Na prática, isso permitiu que o Copilot processasse e resumisse mensagens de e-mail que deveriam estar protegidas por políticas de Prevenção contra Perda de Dados (DLP) e por etiquetas de sensibilidade configuradas pelos administradores de TI. O comportamento contrariou o modelo de segurança esperado, no qual a IA deveria respeitar rigorosamente os mesmos controles de acesso aplicados aos usuários humanos.
Por que a falha é considerada grave
Em ambientes corporativos, políticas de DLP e rótulos de sensibilidade são fundamentais para o cumprimento de regulamentações como o GDPR, a HIPAA e normas internas de proteção de propriedade intelectual.
Ao contornar esses controles, a falha expôs as organizações a riscos significativos, incluindo:
- Possível vazamento de informações estratégicas e dados pessoais;
- Violação de requisitos regulatórios e de conformidade;
- Uso indevido de dados confidenciais por sistemas automatizados;
- Redução da confiança em ferramentas de IA integradas ao ambiente corporativo.
Especialistas em segurança alertam que falhas internas, mesmo sem exploração ativa por atacantes externos, podem gerar impactos comparáveis a incidentes clássicos de vazamento de dados.
Resposta da Microsoft e status da correção
A Microsoft reconheceu oficialmente o problema e iniciou a distribuição de uma correção no início de fevereiro de 2026. Segundo a empresa, o erro foi corrigido por meio de ajustes no mecanismo de validação de permissões do Copilot, garantindo que rótulos de confidencialidade e políticas de DLP sejam respeitados durante o processamento de informações.
Apesar disso, a companhia não divulgou detalhes sobre o número exato de clientes afetados nem sobre a extensão do impacto.

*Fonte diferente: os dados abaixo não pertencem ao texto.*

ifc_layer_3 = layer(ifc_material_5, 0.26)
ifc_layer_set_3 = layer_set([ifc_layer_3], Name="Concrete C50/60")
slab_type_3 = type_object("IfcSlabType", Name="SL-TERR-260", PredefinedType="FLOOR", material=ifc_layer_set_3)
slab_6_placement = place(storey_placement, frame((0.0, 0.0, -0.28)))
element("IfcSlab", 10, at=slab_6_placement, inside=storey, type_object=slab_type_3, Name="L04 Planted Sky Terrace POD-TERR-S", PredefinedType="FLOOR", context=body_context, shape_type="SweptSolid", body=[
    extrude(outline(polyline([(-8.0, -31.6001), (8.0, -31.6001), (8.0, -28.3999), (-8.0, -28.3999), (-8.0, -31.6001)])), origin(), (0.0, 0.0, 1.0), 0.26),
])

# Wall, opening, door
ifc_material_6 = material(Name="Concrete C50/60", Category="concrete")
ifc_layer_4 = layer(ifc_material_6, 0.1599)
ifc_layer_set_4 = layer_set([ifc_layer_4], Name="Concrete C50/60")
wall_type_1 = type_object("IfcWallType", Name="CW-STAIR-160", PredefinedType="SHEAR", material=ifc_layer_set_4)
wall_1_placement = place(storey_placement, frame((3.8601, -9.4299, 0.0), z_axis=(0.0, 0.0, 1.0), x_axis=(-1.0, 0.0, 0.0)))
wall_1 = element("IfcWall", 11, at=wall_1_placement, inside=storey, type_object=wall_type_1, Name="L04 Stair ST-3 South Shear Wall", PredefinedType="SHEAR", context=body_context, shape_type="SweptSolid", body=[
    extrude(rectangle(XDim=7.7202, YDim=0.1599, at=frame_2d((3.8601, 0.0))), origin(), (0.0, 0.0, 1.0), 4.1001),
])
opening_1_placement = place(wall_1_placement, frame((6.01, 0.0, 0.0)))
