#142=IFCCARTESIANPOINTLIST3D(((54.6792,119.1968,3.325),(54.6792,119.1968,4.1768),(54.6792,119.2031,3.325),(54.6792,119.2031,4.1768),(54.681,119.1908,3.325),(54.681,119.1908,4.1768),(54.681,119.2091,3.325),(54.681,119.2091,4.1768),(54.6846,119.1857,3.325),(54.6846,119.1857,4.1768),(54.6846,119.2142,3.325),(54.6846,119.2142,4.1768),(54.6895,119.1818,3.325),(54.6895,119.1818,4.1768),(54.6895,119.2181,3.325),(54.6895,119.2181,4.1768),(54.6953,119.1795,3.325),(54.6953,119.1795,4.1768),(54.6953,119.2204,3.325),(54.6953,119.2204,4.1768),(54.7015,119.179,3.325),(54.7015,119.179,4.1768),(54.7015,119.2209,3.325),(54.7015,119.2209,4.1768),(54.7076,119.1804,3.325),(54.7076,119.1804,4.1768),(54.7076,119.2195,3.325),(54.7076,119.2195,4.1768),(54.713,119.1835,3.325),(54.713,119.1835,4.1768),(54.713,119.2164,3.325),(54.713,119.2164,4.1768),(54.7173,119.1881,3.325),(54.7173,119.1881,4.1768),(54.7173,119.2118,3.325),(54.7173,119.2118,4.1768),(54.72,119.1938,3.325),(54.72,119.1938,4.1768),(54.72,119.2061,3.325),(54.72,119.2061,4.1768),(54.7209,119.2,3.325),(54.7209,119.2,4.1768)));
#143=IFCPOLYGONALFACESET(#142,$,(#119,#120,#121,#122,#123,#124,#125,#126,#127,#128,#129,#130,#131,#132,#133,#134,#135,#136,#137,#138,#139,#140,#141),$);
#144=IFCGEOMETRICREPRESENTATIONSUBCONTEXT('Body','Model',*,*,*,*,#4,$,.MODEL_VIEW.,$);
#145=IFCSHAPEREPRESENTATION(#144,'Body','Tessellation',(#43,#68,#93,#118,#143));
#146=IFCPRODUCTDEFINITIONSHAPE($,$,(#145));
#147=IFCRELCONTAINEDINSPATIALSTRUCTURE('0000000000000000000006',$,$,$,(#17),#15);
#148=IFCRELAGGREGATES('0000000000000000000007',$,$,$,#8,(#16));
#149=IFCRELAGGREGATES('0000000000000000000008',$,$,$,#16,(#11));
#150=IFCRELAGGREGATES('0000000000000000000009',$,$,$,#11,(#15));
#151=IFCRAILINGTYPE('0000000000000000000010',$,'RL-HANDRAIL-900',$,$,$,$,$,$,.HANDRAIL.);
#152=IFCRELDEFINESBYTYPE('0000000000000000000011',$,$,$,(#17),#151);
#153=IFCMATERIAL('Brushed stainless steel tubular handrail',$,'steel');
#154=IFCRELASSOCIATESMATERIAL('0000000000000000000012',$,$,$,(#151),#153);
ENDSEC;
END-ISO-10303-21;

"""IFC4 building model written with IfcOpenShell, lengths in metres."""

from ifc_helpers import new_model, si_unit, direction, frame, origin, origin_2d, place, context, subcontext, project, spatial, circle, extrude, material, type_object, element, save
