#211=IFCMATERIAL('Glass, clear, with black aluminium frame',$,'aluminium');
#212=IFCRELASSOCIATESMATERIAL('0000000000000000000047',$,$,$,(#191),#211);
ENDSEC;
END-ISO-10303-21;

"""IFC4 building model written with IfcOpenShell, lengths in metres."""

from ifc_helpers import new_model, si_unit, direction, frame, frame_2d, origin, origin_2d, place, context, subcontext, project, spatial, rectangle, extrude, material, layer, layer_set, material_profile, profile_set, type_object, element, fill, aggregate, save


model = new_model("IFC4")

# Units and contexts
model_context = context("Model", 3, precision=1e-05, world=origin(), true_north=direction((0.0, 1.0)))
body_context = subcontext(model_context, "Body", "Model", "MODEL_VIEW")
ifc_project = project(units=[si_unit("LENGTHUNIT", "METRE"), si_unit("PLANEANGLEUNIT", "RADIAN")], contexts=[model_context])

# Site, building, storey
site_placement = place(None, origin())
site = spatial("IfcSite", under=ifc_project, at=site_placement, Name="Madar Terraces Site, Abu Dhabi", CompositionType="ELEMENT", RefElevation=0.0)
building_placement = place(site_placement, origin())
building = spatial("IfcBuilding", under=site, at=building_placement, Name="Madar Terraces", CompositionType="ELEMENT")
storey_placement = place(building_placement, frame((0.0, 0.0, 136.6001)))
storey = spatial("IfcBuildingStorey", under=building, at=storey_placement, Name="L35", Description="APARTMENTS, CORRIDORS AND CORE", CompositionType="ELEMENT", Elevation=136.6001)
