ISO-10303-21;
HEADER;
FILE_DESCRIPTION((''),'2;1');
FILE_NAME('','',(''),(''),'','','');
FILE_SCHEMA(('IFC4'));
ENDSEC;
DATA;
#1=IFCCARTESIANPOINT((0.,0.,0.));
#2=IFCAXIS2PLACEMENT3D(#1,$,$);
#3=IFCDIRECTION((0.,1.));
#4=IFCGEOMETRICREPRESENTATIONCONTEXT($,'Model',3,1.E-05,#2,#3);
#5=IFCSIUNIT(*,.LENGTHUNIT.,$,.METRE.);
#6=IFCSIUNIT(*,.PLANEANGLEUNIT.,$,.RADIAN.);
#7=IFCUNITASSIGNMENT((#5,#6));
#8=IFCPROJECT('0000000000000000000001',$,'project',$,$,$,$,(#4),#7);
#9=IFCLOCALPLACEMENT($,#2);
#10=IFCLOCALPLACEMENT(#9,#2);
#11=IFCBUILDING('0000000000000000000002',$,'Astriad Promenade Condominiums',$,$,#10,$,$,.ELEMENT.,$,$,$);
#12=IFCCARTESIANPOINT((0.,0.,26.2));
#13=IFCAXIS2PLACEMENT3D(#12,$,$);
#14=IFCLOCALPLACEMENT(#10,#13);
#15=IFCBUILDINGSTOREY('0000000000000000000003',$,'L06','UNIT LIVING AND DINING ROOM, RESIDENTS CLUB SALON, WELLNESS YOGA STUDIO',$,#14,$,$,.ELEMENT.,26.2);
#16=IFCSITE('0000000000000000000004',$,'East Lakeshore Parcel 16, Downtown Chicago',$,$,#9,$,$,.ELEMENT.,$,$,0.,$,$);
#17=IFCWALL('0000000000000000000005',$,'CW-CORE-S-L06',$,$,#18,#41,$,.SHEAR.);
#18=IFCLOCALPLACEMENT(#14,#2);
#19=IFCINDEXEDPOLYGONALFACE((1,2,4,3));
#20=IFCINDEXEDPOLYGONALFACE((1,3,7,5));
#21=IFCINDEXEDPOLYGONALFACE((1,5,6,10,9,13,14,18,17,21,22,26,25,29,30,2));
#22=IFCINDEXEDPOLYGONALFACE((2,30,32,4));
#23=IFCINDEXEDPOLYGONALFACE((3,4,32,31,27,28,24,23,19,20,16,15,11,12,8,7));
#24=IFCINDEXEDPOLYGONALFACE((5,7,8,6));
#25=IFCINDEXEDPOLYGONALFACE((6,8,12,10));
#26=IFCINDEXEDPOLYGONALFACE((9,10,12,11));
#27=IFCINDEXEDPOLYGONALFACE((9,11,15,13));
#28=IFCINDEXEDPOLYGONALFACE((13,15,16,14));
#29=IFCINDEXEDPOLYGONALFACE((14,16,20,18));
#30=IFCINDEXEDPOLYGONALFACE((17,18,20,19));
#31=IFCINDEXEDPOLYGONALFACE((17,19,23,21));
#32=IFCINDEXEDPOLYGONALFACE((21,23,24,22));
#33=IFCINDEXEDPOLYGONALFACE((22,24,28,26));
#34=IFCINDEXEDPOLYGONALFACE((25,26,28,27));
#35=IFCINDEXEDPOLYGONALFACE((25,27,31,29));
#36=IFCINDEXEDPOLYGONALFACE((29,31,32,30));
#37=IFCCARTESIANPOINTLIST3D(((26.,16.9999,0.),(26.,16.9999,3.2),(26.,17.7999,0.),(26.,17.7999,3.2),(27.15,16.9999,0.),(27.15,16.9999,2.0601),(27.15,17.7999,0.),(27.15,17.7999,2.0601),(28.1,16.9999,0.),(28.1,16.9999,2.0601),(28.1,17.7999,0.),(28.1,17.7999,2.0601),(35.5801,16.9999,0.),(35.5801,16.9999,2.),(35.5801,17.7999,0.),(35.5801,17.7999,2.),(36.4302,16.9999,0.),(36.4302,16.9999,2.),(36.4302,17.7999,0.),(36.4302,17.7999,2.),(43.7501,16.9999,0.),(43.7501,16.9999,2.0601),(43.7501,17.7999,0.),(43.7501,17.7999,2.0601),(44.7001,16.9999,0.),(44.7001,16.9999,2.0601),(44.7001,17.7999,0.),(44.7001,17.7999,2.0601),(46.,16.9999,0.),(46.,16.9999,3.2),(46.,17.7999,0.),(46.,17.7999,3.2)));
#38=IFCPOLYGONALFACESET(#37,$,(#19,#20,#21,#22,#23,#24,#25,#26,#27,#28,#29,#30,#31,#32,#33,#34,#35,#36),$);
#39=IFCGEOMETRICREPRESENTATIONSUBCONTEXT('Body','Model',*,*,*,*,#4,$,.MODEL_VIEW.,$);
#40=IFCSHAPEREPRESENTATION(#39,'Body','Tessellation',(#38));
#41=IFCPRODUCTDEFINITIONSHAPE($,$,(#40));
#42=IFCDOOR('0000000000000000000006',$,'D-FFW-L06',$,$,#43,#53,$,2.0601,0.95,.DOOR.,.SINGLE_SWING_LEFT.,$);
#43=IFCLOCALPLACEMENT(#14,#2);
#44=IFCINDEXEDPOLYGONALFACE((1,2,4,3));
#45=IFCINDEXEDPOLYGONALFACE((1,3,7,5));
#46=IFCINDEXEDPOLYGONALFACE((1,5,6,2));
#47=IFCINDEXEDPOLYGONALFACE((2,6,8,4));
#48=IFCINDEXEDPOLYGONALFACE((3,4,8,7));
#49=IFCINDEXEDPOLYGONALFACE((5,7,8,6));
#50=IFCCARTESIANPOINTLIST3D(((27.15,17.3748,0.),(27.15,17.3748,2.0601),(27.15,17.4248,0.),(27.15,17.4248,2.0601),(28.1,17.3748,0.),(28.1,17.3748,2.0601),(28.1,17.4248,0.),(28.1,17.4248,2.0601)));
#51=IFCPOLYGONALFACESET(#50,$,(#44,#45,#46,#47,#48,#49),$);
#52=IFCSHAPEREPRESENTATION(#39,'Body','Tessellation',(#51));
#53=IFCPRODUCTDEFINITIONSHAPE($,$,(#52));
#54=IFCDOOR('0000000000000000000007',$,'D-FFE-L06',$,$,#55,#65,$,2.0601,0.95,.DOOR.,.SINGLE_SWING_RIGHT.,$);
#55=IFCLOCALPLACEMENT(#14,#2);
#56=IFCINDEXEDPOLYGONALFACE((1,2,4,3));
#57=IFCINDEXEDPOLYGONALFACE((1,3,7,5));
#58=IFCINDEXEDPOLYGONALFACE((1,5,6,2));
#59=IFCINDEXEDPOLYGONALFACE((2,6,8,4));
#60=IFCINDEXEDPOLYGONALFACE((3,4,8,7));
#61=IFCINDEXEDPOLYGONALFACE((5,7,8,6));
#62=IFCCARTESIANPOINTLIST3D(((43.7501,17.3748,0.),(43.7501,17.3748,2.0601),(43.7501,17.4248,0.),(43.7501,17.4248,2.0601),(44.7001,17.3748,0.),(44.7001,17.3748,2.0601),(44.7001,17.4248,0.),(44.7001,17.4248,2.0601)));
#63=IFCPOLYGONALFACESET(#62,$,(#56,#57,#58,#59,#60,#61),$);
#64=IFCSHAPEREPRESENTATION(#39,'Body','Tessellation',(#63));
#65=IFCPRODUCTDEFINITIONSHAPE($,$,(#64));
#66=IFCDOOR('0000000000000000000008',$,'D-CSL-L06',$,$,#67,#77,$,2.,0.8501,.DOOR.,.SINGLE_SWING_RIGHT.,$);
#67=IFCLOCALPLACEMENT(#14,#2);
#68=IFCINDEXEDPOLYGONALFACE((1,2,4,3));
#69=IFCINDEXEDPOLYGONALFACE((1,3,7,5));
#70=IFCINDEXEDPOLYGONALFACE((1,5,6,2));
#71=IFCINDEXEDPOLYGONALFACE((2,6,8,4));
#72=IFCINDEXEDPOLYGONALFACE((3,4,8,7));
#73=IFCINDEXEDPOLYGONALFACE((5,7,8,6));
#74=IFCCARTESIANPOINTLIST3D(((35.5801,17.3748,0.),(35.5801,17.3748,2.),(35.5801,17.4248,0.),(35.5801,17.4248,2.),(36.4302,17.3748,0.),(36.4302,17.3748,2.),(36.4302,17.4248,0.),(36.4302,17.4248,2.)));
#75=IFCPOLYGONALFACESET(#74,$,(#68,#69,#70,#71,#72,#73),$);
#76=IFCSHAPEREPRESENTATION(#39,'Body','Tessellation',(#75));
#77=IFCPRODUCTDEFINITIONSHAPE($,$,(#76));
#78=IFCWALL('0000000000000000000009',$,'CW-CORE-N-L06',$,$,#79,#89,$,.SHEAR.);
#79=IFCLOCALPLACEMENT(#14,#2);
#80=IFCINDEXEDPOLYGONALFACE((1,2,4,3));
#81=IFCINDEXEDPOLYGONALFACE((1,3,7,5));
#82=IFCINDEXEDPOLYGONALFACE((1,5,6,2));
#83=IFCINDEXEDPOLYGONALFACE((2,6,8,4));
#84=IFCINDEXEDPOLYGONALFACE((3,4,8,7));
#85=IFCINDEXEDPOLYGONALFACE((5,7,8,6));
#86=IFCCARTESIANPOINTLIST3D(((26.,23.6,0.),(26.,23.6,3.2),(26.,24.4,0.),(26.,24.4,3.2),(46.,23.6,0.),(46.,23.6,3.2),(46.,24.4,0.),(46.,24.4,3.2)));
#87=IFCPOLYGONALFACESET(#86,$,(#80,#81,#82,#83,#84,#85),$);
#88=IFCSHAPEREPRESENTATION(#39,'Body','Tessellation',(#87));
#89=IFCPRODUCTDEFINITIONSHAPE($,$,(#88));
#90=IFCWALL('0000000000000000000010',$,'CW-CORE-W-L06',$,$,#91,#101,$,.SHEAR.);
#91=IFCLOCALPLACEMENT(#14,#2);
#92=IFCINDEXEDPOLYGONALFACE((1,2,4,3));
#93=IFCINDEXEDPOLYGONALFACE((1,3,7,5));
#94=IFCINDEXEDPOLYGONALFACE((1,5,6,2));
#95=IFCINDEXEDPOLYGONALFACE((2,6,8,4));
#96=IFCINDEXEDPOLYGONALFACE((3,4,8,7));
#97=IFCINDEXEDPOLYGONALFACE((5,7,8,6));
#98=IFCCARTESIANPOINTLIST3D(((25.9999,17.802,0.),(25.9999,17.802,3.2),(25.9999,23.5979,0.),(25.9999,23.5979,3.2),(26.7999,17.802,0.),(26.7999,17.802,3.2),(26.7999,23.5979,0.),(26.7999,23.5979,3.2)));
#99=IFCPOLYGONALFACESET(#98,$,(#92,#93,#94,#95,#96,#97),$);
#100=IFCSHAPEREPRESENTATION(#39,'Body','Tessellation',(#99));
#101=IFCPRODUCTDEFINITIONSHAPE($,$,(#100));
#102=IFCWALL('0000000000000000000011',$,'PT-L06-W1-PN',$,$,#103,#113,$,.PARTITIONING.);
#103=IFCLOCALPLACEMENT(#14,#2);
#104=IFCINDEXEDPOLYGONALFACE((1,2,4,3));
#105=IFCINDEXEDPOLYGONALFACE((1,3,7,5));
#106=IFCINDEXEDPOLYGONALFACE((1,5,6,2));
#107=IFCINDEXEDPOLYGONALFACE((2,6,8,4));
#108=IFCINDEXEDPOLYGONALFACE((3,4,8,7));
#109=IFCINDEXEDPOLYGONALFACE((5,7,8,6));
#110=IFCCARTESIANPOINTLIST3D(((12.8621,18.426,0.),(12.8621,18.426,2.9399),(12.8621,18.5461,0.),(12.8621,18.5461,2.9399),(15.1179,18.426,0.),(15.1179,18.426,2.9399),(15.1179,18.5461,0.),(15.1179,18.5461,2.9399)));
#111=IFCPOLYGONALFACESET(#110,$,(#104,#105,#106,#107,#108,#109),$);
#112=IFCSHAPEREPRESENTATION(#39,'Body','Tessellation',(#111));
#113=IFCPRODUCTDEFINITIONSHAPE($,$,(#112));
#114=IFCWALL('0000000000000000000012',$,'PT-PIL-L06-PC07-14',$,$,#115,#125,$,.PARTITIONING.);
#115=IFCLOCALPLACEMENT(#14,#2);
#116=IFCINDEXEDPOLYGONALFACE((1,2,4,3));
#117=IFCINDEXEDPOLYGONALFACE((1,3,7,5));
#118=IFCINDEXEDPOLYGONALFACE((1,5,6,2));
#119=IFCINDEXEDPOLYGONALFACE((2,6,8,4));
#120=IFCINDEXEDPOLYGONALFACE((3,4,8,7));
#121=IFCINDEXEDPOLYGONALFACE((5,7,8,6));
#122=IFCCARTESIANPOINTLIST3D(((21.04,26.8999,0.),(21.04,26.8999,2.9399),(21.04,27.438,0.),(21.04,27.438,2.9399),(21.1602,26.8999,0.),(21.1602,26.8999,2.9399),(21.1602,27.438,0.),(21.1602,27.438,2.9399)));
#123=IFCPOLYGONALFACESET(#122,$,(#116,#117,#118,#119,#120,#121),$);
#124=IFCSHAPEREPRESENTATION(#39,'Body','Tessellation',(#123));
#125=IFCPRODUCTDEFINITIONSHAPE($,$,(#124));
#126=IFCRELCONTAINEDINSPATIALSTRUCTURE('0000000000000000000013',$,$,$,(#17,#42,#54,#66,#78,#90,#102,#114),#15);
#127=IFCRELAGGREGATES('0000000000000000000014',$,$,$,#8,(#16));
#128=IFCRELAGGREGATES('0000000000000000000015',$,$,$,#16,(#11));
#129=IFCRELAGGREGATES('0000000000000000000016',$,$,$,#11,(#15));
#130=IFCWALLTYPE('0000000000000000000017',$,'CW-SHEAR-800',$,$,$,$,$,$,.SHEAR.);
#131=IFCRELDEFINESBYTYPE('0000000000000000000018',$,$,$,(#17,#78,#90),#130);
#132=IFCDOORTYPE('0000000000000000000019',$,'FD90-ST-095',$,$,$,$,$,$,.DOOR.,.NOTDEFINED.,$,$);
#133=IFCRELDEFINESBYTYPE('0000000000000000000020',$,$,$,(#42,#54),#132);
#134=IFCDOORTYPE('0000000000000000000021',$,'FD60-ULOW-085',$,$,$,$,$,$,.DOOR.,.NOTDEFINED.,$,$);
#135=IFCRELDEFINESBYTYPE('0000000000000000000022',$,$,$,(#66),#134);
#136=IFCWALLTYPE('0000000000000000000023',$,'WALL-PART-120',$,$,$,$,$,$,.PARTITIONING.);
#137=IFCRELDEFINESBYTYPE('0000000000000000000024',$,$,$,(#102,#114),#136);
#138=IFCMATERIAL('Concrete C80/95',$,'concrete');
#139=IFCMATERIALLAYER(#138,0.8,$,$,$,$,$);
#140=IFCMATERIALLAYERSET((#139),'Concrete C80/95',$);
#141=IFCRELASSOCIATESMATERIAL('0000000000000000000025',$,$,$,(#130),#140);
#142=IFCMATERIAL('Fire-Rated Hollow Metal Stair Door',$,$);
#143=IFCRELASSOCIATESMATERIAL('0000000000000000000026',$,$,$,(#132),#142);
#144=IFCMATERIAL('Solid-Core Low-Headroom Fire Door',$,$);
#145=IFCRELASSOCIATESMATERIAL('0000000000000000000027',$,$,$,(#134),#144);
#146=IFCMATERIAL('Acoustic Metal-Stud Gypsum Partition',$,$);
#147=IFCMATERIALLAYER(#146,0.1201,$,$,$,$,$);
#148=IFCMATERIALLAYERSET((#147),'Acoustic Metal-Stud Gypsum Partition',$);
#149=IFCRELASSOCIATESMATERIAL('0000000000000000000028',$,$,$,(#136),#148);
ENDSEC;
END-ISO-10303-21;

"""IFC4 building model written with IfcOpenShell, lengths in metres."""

from ifc_helpers import new_model, si_unit, direction, frame, frame_2d, origin, place, context, subcontext, project, spatial, rectangle, extrude, source, transform, mapped, material, layer, layer_set, type_object, type_shapes, element, fill, save


model = new_model("IFC4")

# Units and contexts
model_context = context("Model", 3, precision=1e-05, world=origin(), true_north=direction((0.0, 1.0)))
body_context = subcontext(model_context, "Body", "Model", "MODEL_VIEW")
ifc_project = project(units=[si_unit("LENGTHUNIT", "METRE"), si_unit("PLANEANGLEUNIT", "RADIAN")], contexts=[model_context])

# Site, building, storey
site_placement = place(None, origin())
site = spatial("IfcSite", under=ifc_project, at=site_placement, Name="East Lakeshore Parcel 16, Downtown Chicago", CompositionType="ELEMENT", RefElevation=0.0)
building_placement = place(site_placement, origin())
building = spatial("IfcBuilding", under=site, at=building_placement, Name="Astriad Promenade Condominiums", CompositionType="ELEMENT")
storey_placement = place(building_placement, frame((0.0, 0.0, 26.2)))
storey = spatial("IfcBuildingStorey", under=building, at=storey_placement, Name="L06", Description="UNIT LIVING AND DINING ROOM, RESIDENTS CLUB SALON, WELLNESS YOGA STUDIO", CompositionType="ELEMENT", Elevation=26.2)

# Shared definitions
ifc_material_1 = material(Name="Concrete C80/95", Category="concrete")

A atualização está sendo aplicada de forma progressiva nos ambientes do Microsoft 365, e clientes corporativos estão sendo orientados a verificar se os patches já foram efetivamente implementados.
Impacto no debate sobre segurança de IA corporativa
O incidente reacendeu discussões globais sobre o uso de inteligência artificial em ambientes empresariais sensíveis. Órgãos governamentais e grandes instituições passaram a revisar políticas internas relacionadas ao uso de IA, reforçando a necessidade de controles mais rígidos, auditorias independentes e maior transparência por parte dos fornecedores de tecnologia.

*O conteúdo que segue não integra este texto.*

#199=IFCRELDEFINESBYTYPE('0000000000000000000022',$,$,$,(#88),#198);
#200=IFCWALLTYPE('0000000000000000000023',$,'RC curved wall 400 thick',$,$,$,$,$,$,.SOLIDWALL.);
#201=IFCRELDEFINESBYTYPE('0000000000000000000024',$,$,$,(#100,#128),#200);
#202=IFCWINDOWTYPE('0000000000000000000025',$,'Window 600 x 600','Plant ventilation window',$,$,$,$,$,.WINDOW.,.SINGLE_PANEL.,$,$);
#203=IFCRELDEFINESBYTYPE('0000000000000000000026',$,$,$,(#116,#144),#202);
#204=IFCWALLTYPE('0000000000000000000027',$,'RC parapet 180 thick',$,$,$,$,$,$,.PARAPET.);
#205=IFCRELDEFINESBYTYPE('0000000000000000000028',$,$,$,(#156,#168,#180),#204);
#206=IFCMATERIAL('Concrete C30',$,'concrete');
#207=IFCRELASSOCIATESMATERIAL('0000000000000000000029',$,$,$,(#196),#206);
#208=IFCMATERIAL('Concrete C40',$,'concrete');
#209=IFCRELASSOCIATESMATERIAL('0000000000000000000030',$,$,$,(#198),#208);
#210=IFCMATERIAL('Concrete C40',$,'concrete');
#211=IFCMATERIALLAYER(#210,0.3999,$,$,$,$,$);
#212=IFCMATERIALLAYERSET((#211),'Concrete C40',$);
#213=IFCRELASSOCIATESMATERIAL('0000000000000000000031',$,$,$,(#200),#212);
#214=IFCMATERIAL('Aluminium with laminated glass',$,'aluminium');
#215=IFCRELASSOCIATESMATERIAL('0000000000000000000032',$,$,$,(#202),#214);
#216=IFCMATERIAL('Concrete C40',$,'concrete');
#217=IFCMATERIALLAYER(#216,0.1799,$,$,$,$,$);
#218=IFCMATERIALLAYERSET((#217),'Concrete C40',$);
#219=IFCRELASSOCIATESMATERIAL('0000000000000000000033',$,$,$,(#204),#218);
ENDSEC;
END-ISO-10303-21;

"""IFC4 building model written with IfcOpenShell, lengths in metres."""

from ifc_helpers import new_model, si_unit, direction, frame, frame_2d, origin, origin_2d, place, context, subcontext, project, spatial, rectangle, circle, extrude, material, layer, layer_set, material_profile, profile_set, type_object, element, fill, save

Casos como esse evidenciam que, à medida que ferramentas de IA ganham acesso a volumes cada vez maiores de dados corporativos, falhas de controle podem ter consequências amplificadas.
Recomendações para organizações que utilizam o Microsoft 365 Copilot
Empresas que adotam o Copilot devem considerar as seguintes ações imediatas:
- Confirmar a aplicação das atualizações de segurança mais recentes;
- Revisar políticas de DLP e rótulos de sensibilidade, especialmente no contexto de IA;
- Auditar logs de uso do Copilot durante o período da vulnerabilidade;
- Reavaliar permissões concedidas a ferramentas automatizadas;
- Definir diretrizes claras para o uso de IA em comunicações altamente sensíveis.
A correção da falha que permitiu ao Copilot acessar e resumir e-mails confidenciais destaca os desafios de integrar inteligência artificial a ambientes corporativos complexos e regulados. Embora a Microsoft tenha agido para mitigar o problema, o episódio reforça a importância de uma abordagem de segurança baseada em princípio de menor privilégio, monitoramento contínuo e validações rigorosas quando IA passa a operar sobre dados críticos.
Para organizações, o caso serve como alerta: soluções de IA devem ser tratadas como componentes centrais da estratégia de segurança, e não apenas como ferramentas de produtividade.